Pourquoi était-il nécessaire de créer des salles de radionucléides à l’UZA ?
“Chez certains patients, les thérapies actuelles ne sont pas suffisamment efficaces. Pour ces patients, la PRRT pourrait être un meilleur traitement. Lors d’une consultation oncologique multidisciplinaire, les oncologues et les spécialistes de la médecine nucléaire, entre autres, discutent des patients qui peuvent bénéficier de la thérapie. Le patient est ensuite informé et a le temps d’y réfléchir.”
“La thérapie rend souvent les patients très anxieux. Après le premier traitement, ils nous disent parfois qu’ils l’avaient imaginé très différemment et qu’il s’est finalement avéré meilleur que prévu. La PRRT était déjà pratiquée dans certains hôpitaux belges, comme l’UZ Leuven et l’Institut Jules Bordet, mais le produit utilisé devait être fabriqué par l’hôpital lui-même. La thérapie ayant été récemment commercialisée par le fabricant, les hôpitaux peuvent désormais recevoir le produit prêt à l’emploi. Cela nous a permis de réaliser la PRRT à l’UZA après l’ouverture des salles de radionucléides. En outre, le traitement est désormais entièrement pris en charge par la mutuelle, ce qui fait une grande différence pour les patients compte tenu du prix de 19 000 euros par traitement.
En quoi l’avènement des salles de radionucléides a-t-il modifié le travail des infirmières concernées ?
“Je suis moi-même infirmière dans le service de médecine nucléaire et je travaille beaucoup avec les infirmières en oncologie pour le PRRT. Les infirmières en médecine nucléaire ont une formation différente de celle des infirmières en oncologie et sont responsables de l’administration de la thérapie. Les infirmières en oncologie s’occupent des patients après qu’ils ont subi une PRRT. Pour ce faire, elles ont suivi une formation interne, dispensée par un expert en radiation du service de prévention. Au cours de cette formation, elles apprennent à manipuler les patients et surtout leur urine radioactive”.
“Au début, les infirmières en oncologie étaient un peu inquiètes à l’idée de travailler dans les salles de radionucléides, car elles n’avaient pas l’habitude de manipuler la radioactivité. Progressivement, elles ont commencé à trouver cela moins problématique et elles savent maintenant que rien ne peut réellement se produire. Par conséquent, ils n’ont plus peur d’entrer dans les salles de radionucléides. En outre, les infirmières en oncologie savent qu’elles peuvent toujours faire appel à nous et aux médecins en cas de problème, après quoi nous venons directement les aider ou leur donner des explications.”

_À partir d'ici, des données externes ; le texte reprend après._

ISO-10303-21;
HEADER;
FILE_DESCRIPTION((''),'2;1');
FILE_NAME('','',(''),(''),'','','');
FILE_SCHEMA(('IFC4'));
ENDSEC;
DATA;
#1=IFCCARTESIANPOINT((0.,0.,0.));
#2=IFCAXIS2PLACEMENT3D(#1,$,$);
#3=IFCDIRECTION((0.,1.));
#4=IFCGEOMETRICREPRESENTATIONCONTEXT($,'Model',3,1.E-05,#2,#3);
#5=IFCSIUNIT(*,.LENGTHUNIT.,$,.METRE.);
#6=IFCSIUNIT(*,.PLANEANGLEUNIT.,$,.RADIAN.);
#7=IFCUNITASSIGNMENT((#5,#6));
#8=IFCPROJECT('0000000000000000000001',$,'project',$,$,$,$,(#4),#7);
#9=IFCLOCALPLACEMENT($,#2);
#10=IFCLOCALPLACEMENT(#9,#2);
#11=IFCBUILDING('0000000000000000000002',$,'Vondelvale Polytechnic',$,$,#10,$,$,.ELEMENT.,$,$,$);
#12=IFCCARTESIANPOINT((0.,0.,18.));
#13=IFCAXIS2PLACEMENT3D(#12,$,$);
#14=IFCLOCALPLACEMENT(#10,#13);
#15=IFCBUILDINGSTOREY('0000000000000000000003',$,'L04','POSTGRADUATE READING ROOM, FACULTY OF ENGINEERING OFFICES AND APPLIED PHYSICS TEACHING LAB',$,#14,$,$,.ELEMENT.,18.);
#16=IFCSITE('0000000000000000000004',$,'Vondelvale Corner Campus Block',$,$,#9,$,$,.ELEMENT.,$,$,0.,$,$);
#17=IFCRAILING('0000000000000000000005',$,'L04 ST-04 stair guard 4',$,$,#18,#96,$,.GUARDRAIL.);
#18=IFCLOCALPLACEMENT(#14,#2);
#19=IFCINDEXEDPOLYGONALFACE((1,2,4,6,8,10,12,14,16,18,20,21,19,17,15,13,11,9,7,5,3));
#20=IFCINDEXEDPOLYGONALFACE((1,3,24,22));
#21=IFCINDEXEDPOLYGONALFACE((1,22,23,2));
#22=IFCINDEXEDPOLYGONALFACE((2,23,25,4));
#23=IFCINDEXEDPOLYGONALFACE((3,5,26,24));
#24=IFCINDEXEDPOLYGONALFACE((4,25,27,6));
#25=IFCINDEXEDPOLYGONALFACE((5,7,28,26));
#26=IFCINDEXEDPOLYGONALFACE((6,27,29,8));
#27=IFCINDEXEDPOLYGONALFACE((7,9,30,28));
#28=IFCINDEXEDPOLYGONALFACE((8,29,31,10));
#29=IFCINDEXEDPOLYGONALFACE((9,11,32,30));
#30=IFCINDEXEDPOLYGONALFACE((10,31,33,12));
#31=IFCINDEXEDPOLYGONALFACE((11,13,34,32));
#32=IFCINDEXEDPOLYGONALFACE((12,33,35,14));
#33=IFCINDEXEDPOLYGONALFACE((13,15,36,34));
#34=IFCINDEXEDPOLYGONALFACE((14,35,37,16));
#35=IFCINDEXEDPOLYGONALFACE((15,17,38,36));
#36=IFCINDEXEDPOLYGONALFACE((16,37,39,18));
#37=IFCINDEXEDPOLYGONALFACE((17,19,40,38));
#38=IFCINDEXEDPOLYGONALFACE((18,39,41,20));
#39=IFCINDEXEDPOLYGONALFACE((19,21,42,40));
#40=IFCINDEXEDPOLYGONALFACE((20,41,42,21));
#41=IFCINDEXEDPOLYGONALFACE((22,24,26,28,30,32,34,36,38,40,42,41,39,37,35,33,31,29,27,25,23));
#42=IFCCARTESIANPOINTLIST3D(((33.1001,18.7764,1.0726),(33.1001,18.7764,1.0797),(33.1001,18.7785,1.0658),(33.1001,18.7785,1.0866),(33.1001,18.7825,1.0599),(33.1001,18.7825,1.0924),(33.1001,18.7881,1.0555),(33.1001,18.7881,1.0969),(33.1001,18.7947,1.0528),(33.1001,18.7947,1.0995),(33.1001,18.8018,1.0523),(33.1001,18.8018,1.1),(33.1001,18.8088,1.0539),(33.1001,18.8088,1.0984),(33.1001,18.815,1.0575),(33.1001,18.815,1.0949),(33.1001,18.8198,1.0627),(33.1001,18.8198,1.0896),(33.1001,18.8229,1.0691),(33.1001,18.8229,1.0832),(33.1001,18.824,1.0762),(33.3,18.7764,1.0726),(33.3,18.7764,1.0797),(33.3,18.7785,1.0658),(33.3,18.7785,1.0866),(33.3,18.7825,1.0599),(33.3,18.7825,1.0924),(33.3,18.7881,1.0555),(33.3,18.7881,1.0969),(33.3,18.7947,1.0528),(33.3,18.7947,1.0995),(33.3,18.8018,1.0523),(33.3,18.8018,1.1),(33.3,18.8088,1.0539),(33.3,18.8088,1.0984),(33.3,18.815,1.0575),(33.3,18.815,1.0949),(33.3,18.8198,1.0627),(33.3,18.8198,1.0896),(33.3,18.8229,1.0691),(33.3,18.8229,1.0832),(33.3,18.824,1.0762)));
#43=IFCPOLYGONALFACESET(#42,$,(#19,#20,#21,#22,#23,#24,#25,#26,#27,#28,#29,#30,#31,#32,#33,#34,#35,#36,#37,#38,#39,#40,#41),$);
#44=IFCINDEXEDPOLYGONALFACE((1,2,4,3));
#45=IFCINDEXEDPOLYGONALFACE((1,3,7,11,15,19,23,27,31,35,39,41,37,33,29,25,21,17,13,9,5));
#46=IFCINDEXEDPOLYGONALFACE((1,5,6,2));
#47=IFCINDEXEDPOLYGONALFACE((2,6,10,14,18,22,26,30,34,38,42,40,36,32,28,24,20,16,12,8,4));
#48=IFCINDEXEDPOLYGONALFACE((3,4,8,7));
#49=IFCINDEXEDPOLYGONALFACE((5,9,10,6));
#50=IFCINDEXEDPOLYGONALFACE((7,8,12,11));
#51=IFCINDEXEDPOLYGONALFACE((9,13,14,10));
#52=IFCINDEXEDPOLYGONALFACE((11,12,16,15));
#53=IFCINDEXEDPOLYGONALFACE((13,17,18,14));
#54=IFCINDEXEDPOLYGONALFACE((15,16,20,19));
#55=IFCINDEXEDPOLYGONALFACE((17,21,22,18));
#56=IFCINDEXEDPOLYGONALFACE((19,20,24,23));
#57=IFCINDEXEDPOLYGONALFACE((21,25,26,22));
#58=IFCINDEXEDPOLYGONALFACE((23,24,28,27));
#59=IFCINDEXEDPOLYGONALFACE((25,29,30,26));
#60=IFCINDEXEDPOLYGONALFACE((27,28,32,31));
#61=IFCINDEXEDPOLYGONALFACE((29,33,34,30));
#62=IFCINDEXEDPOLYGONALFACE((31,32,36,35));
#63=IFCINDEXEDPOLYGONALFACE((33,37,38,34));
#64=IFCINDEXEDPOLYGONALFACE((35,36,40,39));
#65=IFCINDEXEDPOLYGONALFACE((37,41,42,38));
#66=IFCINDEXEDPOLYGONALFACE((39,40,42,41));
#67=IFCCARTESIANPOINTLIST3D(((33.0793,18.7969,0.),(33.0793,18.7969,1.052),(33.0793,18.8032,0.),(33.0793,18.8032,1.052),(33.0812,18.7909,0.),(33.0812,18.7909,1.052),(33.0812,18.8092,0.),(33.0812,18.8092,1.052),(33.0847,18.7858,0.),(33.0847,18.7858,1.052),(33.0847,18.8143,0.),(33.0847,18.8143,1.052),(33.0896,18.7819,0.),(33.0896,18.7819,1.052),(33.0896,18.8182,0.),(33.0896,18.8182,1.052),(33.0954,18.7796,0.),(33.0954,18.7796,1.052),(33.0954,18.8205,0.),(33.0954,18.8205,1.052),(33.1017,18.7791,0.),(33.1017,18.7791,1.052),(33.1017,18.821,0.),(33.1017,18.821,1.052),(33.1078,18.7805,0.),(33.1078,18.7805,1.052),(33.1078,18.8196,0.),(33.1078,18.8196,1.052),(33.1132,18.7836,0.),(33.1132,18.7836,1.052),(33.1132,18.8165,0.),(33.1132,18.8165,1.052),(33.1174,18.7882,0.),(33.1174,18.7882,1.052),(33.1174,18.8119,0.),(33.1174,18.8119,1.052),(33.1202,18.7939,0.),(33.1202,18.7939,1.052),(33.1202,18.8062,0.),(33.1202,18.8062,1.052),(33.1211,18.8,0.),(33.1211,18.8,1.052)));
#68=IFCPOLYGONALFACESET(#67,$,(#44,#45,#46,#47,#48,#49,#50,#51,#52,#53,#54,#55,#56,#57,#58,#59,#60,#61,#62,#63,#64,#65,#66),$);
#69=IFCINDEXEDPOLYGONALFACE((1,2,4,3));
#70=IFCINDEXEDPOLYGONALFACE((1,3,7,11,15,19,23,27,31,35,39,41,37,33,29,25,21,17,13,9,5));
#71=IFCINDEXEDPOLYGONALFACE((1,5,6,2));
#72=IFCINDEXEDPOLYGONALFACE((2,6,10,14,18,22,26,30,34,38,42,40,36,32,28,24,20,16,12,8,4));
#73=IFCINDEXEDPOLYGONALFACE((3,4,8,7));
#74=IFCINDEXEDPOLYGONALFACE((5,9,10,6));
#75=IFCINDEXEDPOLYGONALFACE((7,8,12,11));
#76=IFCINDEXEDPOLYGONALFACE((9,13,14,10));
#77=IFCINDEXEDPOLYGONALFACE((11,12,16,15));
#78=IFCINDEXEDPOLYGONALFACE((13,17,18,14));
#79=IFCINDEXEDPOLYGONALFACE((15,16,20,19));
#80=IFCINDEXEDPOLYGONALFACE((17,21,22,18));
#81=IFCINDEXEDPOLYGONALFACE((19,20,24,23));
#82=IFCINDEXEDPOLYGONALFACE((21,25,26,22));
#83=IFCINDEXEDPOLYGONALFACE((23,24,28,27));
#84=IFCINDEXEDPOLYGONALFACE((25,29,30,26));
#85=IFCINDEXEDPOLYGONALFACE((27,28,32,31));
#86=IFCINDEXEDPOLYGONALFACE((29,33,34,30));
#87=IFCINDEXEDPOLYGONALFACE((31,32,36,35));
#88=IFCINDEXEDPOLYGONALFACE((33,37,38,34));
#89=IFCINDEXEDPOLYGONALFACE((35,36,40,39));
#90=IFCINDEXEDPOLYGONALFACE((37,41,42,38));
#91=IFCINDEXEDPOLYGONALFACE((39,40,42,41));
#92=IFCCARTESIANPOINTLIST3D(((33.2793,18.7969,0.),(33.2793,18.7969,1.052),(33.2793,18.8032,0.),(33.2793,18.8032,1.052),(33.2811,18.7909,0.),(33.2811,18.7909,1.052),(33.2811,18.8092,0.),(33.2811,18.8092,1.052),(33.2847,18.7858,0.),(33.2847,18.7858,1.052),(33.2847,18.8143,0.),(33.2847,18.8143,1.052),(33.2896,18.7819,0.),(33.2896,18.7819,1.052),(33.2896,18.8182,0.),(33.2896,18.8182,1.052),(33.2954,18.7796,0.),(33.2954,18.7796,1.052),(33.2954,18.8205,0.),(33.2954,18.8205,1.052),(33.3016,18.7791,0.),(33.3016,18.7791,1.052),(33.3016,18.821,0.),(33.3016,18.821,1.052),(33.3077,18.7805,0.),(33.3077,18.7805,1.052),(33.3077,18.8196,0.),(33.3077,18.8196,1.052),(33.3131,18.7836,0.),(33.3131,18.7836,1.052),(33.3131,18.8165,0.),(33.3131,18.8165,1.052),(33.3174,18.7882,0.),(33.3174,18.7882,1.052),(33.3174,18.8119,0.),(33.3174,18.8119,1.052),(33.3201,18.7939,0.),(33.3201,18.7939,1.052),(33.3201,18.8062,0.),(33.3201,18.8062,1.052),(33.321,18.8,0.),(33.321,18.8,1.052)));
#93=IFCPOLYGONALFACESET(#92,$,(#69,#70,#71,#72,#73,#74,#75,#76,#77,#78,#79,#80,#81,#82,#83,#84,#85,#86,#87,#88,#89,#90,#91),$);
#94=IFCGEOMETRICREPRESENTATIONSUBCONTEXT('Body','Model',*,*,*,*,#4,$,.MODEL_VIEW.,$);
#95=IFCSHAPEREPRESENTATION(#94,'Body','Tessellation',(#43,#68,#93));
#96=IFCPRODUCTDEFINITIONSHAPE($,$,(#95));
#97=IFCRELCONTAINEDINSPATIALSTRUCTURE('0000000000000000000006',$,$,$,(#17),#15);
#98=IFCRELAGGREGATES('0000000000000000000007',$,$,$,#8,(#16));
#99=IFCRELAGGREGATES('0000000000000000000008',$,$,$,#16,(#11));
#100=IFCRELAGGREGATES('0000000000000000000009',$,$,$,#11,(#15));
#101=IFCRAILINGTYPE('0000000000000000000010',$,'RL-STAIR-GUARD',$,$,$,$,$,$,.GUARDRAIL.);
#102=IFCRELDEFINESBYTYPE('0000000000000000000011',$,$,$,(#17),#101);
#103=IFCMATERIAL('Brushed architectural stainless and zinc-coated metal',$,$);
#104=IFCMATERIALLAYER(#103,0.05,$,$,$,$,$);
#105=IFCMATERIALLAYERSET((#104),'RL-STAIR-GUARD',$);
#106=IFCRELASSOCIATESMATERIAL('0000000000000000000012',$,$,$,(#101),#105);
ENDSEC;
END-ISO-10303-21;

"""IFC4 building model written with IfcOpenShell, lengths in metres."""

from ifc_helpers import new_model, si_unit, direction, frame, origin, origin_2d, place, context, subcontext, project, spatial, circle, extrude, material, layer, layer_set, type_object, element, save


model = new_model("IFC4")

# Units and contexts
model_context = context("Model", 3, precision=1e-05, world=origin(), true_north=direction((0.0, 1.0)))
body_context = subcontext(model_context, "Body", "Model", "MODEL_VIEW")
ifc_project = project(units=[si_unit("LENGTHUNIT", "METRE"), si_unit("PLANEANGLEUNIT", "RADIAN")], contexts=[model_context])

# Site, building, storey
site_placement = place(None, origin())
site = spatial("IfcSite", under=ifc_project, at=site_placement, Name="Vondelvale Corner Campus Block", CompositionType="ELEMENT", RefElevation=0.0)
building_placement = place(site_placement, origin())
building = spatial("IfcBuilding", under=site, at=building_placement, Name="Vondelvale Polytechnic", CompositionType="ELEMENT")
storey_placement = place(building_placement, frame((0.0, 0.0, 18.0)))
storey = spatial("IfcBuildingStorey", under=building, at=storey_placement, Name="L04", Description="POSTGRADUATE READING ROOM, FACULTY OF ENGINEERING OFFICES AND APPLIED PHYSICS TEACHING LAB", CompositionType="ELEMENT", Elevation=18.0)

# Shared definitions
ifc_material_1 = material(Name="Brushed architectural stainless and zinc-coated metal")

# Railing
ifc_layer_1 = layer(ifc_material_1, 0.05)
ifc_layer_set_1 = layer_set([ifc_layer_1], Name="RL-STAIR-GUARD")
railing_type_1 = type_object("IfcRailingType", Name="RL-STAIR-GUARD", PredefinedType="GUARDRAIL", material=ifc_layer_set_1)
railing_1_placement = place(storey_placement, frame((33.1001, 18.8, 0.0)))
element("IfcRailing", 1, at=railing_1_placement, inside=storey, type_object=railing_type_1, Name="L04 ST-04 stair guard 4", PredefinedType="GUARDRAIL", context=body_context, shape_type="SweptSolid", body=[
    extrude(circle(Radius=0.0239, at=origin_2d()), frame((0.0, 0.0, 1.0762), z_axis=(1.0, 0.0, 0.0), x_axis=(0.0, 1.0, 0.0)), (0.0, 0.0, 1.0), 0.2),
    extrude(circle(Radius=0.021, at=origin_2d()), origin(), (0.0, 0.0, 1.0), 1.052),
    extrude(circle(Radius=0.021, at=origin_2d()), frame((0.2, 0.0, 0.0)), (0.0, 0.0, 1.0), 1.052),
])

save(model, "model.ifc")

“Le mot ‘radioactif’ fait peur à beaucoup de gens, mais ce n’est pas nécessaire. Le mot radioactivité fait immédiatement penser à Tchernobyl, Fukushima et autres. Comme les patients sont mis en quarantaine après leur traitement et qu’ils doivent boire beaucoup, la radioactivité est rapidement éliminée. Avant de quitter l’hôpital, on mesure combien ils rayonnent encore à une distance de 1 mètre. Ce n’est que lorsque celle-ci descend en dessous d’un certain niveau (< 20 microSv/h) qu’ils sont autorisés à quitter la pièce. En Belgique, nous suivons les directives de l’Agence fédérale de contrôle nucléaire (AFCN), qui sont beaucoup plus strictes que celles des pays voisins, où les patients peuvent souvent rentrer chez eux le jour même. Pour le PRRT, nous travaillons en étroite collaboration avec une grande équipe d’infirmières, de médecins, de physiciens et de techniciens. Comme nous formons une bonne équipe, tout problème peut être discuté et résolu immédiatement.”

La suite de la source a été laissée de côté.